S/MIME  (Secure/ Multipurpose Internet Mail Extensions) is also an IETF standard used public key encryption and signing of MIME data, originally developed by RSA Data Security and provides couple of cryptographic security services (authentication, integrity, non-repudiation, privacy and data security), it requires a certificate from a certificate authority (CA) which will be used to generate public keys for signing and encrypting messages. S/MIME has been defined as “a secure method of sending e-mail that uses the Rivest-Shamir-Adleman encryption system.” S/MIME is included in the latest versions of the Web browsers from Microsoft and Netscape and has also been endorsed by other vendors that make messaging products. S/MIME operates at the 6th layer of the OSI model (the presentation level) (Tiller, 2000).

XML signature, also known as XMLDSig has been defined by the W3C and can be compared to the PCKS#7, it was designed for web technologies and signing XML documents. Nowadays, XML has been adopted and recognized as the web standard, and most of the web applications have been developed in a way to exchange data in XML format such SOAP and SAML.

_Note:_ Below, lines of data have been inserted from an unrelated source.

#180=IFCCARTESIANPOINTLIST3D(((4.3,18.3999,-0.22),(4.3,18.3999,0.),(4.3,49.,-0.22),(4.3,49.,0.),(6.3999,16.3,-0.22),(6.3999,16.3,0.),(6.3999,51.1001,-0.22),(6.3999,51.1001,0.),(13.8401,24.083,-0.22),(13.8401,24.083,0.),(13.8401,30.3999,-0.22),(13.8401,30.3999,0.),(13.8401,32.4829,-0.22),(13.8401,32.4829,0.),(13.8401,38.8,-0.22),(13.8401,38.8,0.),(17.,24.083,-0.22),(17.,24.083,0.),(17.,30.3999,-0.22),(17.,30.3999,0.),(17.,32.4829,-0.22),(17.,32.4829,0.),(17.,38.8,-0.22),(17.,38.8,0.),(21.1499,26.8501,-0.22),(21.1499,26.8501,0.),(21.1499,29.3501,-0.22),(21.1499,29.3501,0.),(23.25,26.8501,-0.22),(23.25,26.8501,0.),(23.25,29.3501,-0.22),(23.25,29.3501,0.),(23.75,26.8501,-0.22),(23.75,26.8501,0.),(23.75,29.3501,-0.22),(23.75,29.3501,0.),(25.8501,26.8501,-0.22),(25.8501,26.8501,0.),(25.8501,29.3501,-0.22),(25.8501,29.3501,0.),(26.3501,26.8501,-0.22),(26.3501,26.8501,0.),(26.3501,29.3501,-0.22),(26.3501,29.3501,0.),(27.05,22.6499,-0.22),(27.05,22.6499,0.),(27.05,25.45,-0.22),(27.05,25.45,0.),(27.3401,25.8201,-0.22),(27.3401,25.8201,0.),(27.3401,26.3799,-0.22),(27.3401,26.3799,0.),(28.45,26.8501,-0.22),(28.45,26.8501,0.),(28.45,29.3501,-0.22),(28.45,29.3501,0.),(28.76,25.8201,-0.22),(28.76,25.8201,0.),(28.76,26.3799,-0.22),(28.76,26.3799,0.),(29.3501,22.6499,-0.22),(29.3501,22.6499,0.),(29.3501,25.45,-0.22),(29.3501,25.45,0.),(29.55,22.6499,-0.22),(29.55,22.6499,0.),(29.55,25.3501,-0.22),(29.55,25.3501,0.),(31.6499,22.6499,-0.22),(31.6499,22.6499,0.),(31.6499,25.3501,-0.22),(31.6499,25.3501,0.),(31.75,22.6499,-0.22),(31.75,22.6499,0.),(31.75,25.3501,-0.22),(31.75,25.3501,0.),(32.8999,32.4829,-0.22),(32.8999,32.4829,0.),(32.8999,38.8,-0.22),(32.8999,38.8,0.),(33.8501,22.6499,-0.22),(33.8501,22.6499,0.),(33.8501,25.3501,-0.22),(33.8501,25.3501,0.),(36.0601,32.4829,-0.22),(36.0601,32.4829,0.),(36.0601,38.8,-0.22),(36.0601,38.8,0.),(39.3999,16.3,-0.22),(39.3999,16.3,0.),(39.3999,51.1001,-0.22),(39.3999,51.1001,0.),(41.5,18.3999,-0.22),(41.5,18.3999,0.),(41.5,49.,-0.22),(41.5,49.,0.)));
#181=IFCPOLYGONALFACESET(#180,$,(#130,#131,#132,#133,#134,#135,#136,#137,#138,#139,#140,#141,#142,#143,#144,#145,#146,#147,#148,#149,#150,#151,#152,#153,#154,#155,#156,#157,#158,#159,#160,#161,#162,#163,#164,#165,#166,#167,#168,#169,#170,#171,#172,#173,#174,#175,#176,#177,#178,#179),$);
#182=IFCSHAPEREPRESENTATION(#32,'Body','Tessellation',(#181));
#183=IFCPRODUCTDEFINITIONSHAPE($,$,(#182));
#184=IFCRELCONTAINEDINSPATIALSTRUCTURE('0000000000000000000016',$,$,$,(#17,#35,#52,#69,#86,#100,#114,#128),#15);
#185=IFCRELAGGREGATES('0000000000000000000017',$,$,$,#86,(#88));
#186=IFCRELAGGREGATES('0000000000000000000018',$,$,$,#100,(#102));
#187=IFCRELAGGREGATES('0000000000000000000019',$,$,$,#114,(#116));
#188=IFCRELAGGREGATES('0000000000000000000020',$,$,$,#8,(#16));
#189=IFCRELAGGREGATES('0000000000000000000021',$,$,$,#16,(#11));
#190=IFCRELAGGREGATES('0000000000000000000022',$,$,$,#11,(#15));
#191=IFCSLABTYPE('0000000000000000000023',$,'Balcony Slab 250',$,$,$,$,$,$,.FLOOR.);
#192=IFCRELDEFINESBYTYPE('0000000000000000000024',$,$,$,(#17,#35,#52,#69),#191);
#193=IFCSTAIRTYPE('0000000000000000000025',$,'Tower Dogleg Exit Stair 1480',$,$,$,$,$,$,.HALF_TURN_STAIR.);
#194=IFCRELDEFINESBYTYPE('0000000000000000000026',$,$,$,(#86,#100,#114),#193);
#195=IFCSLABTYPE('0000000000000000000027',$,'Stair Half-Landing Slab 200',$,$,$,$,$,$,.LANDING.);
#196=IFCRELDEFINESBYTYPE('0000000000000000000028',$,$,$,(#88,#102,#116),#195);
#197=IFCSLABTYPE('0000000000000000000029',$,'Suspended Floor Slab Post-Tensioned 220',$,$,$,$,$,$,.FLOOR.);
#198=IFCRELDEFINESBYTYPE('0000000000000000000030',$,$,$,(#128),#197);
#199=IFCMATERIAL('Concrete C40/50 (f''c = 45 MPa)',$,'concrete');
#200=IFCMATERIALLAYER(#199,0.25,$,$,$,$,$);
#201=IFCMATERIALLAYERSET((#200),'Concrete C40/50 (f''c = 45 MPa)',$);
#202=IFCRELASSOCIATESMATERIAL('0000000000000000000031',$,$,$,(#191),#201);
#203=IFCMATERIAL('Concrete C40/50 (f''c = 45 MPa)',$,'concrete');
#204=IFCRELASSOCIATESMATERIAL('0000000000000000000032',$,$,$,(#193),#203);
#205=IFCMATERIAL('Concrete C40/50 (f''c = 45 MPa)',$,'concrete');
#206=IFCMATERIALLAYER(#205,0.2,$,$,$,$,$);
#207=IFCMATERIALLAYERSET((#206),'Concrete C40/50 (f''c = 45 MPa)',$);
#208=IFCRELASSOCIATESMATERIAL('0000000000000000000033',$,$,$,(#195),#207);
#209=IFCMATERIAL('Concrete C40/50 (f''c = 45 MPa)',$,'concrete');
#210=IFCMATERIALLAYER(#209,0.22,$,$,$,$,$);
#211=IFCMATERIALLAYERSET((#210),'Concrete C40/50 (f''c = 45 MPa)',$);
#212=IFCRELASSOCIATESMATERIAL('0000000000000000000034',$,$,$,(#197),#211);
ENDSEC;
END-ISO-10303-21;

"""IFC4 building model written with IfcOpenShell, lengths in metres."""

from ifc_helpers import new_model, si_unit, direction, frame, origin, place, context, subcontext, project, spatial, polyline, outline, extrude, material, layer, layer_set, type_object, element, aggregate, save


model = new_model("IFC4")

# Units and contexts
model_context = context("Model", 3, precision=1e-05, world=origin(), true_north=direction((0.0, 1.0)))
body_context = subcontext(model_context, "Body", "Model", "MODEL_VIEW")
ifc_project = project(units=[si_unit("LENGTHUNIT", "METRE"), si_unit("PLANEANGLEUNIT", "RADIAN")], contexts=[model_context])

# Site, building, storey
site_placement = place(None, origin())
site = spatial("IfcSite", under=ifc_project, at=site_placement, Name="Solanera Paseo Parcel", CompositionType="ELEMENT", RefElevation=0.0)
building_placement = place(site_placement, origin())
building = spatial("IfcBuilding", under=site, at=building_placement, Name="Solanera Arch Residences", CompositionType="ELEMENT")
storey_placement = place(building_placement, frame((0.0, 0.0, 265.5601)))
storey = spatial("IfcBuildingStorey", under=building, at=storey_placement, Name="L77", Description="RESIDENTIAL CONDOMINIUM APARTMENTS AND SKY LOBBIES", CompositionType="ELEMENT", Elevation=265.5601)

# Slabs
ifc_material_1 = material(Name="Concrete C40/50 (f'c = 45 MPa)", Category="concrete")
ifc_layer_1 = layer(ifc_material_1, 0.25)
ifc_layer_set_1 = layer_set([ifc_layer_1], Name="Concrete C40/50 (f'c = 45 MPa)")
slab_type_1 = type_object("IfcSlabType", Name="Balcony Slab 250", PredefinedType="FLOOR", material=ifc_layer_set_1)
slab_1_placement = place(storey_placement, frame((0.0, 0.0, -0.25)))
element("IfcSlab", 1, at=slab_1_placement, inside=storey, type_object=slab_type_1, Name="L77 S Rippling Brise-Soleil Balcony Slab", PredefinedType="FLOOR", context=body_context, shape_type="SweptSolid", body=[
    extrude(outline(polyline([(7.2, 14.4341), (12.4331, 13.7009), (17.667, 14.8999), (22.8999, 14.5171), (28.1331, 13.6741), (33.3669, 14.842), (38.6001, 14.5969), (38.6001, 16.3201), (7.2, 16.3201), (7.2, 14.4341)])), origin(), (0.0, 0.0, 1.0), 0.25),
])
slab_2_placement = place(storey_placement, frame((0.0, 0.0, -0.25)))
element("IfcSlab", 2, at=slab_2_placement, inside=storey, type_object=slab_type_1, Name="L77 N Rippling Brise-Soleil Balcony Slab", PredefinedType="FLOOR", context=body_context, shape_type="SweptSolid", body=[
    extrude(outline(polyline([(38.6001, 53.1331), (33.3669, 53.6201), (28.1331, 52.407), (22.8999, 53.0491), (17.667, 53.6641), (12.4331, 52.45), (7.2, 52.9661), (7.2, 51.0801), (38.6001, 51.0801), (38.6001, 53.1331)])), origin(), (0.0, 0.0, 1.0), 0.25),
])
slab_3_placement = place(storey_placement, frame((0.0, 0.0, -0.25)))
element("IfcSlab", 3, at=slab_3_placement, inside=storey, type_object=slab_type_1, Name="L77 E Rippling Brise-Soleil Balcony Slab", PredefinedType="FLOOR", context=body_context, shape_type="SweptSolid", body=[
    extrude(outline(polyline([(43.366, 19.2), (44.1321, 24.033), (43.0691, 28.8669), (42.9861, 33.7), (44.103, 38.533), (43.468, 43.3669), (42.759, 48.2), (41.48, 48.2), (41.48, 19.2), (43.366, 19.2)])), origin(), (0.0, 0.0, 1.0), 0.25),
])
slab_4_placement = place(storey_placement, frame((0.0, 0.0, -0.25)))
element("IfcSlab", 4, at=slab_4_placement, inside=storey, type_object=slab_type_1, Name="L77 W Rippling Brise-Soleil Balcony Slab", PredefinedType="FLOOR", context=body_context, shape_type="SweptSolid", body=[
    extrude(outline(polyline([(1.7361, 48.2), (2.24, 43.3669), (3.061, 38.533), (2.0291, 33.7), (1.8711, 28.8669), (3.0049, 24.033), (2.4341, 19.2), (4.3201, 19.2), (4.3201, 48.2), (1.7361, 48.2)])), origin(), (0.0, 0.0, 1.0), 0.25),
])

The encryption used for XML documents is a bit more complicate than a normal encryption of data; this difficulty is due to the XML format. The XML document can have one or more serialized representation. The XML digital signature can be considered in some situations better and more flexible compared to the digital signature (binary data) (Doraswamy & Harkins, 2003).

We’ve seen that there are different methods and mechanisms to secure data and at different levels, so I personally think that it can be possible to combine these technics. Especially the IPSec with either S/MIME or XMLDSig. As mentioned earlier, IPSec does not affect the other layers and operates only at the Network level, it can be combined with the S/MIME or XMLDSig methods and it might be better to combine these technics in addition to other ones.

References

–       James S. Tiller (2000). A Technical Guide to IPSec Virtual Private Networks. CRC Press, 2000. ISBN: 9780203997499.

–       Naganand Doraswamy, Dan Harkins (2003). IPSec: The New Security Standard for the Internet, Intranets, and Virtual Private Networks. Prentice Hall Professional, 2003, ISBN: 9780130461896.

–       James Henry Carmouche (2006). IPSec Virtual Private Network Fundamentals. Pearson Education, 2006. ISBN: 9780132796682

Originally posted 2017-01-03 17:25:33.